When it comes to textbook costs, publishers are often seen as owning all the levers. But Southern New Hampshire University (SNHU) recently decided to take a novel approach to reducing textbook costs for its students by reworking its contracts not with the companies that sell books, but rather those that control the bookstores.
The crucial step in this effort for SNHU, which operates both a traditional undergraduate campus and a lucrative array of online programs, was forgoing the commission it took in past years from the company that ran its physical and online bookstores, Follett Higher Education.
The university had been earning an 11 percent commission (and 12 percent of every sale once revenues exceeded $4 million), according to an internal analysis provided to Inside Higher Ed. In the 2011-12 academic year, the university made $500,000 from this commission.
As large vendors like Follett have taken over bookstores on many campuses, it has become common for universities to accept such commissions in exchange for giving the vendors the opportunity to cash in on the local demand for textbooks. And while other universities have struck deals with publishers for discounts on behalf of their students, attacking the cost issue by taking a pass on that kickback seems to be a rare move.

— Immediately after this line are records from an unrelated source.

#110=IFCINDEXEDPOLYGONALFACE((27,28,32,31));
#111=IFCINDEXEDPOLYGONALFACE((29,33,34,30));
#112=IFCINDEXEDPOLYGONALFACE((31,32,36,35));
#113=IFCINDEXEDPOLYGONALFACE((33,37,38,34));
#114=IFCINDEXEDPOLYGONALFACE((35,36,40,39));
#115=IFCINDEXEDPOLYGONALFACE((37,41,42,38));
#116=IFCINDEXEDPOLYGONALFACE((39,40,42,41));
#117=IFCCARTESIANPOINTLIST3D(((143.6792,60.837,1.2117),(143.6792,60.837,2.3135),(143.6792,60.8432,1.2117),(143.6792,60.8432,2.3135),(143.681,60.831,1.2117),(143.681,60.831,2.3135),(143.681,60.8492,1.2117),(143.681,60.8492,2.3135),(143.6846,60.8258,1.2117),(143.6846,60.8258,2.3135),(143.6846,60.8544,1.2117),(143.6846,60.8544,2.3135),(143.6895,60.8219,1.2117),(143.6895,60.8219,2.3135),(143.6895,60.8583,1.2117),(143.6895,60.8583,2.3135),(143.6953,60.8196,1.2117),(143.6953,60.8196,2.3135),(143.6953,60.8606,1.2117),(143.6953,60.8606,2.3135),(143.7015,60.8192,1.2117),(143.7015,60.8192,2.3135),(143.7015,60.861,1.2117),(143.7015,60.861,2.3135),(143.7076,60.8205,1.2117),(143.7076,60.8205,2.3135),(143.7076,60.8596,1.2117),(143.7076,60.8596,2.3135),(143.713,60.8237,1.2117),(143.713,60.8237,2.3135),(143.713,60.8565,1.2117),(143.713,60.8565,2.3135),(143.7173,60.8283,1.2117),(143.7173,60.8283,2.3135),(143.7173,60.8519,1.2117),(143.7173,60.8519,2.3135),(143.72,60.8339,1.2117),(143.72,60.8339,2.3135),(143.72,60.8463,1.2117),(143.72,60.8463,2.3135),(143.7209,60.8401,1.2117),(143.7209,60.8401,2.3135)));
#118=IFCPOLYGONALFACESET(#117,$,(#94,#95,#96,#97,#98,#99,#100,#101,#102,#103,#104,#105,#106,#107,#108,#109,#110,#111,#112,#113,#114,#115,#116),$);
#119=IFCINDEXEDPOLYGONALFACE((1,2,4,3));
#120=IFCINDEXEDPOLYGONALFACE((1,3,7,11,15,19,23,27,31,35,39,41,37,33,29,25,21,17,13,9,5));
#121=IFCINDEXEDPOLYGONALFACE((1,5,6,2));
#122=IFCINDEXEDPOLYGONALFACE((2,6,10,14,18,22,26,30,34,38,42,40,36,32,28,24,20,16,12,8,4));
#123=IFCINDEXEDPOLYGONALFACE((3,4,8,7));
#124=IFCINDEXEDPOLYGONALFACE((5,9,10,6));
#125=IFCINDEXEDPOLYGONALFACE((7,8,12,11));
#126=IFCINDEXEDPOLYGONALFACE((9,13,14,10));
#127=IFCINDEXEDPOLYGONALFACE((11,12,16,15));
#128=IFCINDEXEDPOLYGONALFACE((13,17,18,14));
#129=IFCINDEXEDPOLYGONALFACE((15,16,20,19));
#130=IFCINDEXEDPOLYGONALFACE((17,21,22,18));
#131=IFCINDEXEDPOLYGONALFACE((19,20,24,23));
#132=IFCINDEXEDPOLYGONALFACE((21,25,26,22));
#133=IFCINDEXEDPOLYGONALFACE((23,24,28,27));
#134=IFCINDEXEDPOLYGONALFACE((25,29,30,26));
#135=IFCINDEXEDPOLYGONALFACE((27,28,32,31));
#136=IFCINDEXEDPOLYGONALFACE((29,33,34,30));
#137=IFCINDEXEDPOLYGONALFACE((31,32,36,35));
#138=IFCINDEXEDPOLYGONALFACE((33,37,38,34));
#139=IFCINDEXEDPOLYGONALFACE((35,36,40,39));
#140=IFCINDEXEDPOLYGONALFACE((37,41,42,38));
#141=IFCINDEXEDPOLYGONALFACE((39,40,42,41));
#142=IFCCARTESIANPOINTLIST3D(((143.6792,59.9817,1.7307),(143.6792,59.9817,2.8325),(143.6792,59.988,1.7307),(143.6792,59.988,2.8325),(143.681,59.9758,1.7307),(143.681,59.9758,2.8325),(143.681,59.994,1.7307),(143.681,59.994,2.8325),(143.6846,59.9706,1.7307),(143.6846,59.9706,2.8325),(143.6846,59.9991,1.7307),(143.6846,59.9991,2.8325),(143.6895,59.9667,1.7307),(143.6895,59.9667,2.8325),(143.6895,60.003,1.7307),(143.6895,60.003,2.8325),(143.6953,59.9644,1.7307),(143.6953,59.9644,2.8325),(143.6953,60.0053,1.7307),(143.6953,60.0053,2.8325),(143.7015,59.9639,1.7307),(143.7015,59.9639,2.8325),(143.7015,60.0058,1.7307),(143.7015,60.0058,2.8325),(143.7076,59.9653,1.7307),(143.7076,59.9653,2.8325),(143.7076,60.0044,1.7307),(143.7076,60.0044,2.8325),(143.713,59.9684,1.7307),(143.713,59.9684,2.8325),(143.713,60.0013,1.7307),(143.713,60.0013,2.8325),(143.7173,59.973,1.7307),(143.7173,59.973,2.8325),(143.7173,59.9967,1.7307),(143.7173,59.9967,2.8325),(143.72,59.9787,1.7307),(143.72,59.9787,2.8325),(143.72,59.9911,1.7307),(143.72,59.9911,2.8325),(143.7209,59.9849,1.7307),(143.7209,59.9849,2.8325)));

“It’s not common to waive it completely, that would be fair to say,” says Charles Schmidt, a spokesman for the National Association of College Stores.
Then again, SNHU is in the rare position of having an ample annual budget surplus that gives the institution room for such goodwill gestures. The financial success of the university’s online arm is well-documented, and it is largely to credit for SNHU’s having pulled in between $12 and $14 million more than it spent in each of the last few years, according to Paul LeBlanc, the president.
SNHU recently notified Follett that it would be ending its current bookstore contract and soliciting new suitors. The idea was to forgo the university’s customary percentage on the condition that the bookstore vendor would set the prices for SNHU students accordingly so that students, not the vendor, would benefit from the university’s largesse, says Amelia Manning, the associate vice president of student advising at SNHU, who led the negotiations.
The request for proposals garnered three viable offers. The university’s analysis, and its decision, can be viewed in the accompanying graphic. (SNHU requested that Inside Higher Ed withhold the names of the suitors because negotiations are not yet finalized.)
One of the driving forces behind the university’s effort to address textbook prices was internal survey data suggesting that 49 percent of SNHU students either buy their textbooks someplace other than the campus bookstore or do not buy them at all. LeBlanc says this might be a barrier to student success. The university does not know exactly how many of its students are simply not buying textbooks, but studies have suggested that many students sometimes skip textbooks because they are expensive, and feel as though their academic work suffers as a result.
In trying to push down the price of textbooks for its students, SNHU is hoping more students will actually buy the textbooks. That also was part of its pitch to vendors when it was negotiating for lower markups: If more students buy books, the vendors could make up the difference on volume.
Based on the proposals it has received from vendors, along with expected enrollment increases, SNHU projects that it will save students $1.8 million on textbooks in 2012-13. Of course, savings for individual students could vary widely based on which courses a student is taking, which format she chooses for obtaining the textbook (new, used, rental or digital), and whether she buys the book in the physical store on campus or in the virtual store — each of which may be operated by a different vendor under the university’s new contracts.
And then there will be the hypothetical students buying their textbooks for the first time, who will be paying more than in past years when they tried getting by without.
Although this seems to be a rare example of a university using its leverage over commissions to address textbook costs at an institutional level, other universities have tried other tactics. Several institutions have struck deals with publishers in which the university underwrites the cost of textbooks and then charges students a flat fee for course materials. The fee is typically much less than the student would have otherwise paid buying the textbooks on his own; the publisher gives the university a heavily discounted price in exchange for a guarantee that the publisher will sell its content to every student, in every class, every year — as opposed to competing for repeat business with used-book sellers.
The problem with dealing directly with publishers, according to LeBlanc, is that it requires an institution to override the freedom of individual instructors to pick whose textbooks they want to use for their courses. And such deals can also be biased in favor of digital texts, such that students who prefer print may have to pay extra. “What goes out the window is choice,” says LeBlanc.
Manning says the university recognizes that its own levers to affect textbooks prices are not nearly as powerful as those of the publishers. But to the extent that SNHU can use its own privilege as a gatekeeper to address textbook costs at the point of distribution, she says, the university thinks it can at least nudge students toward relatively inexpensive options.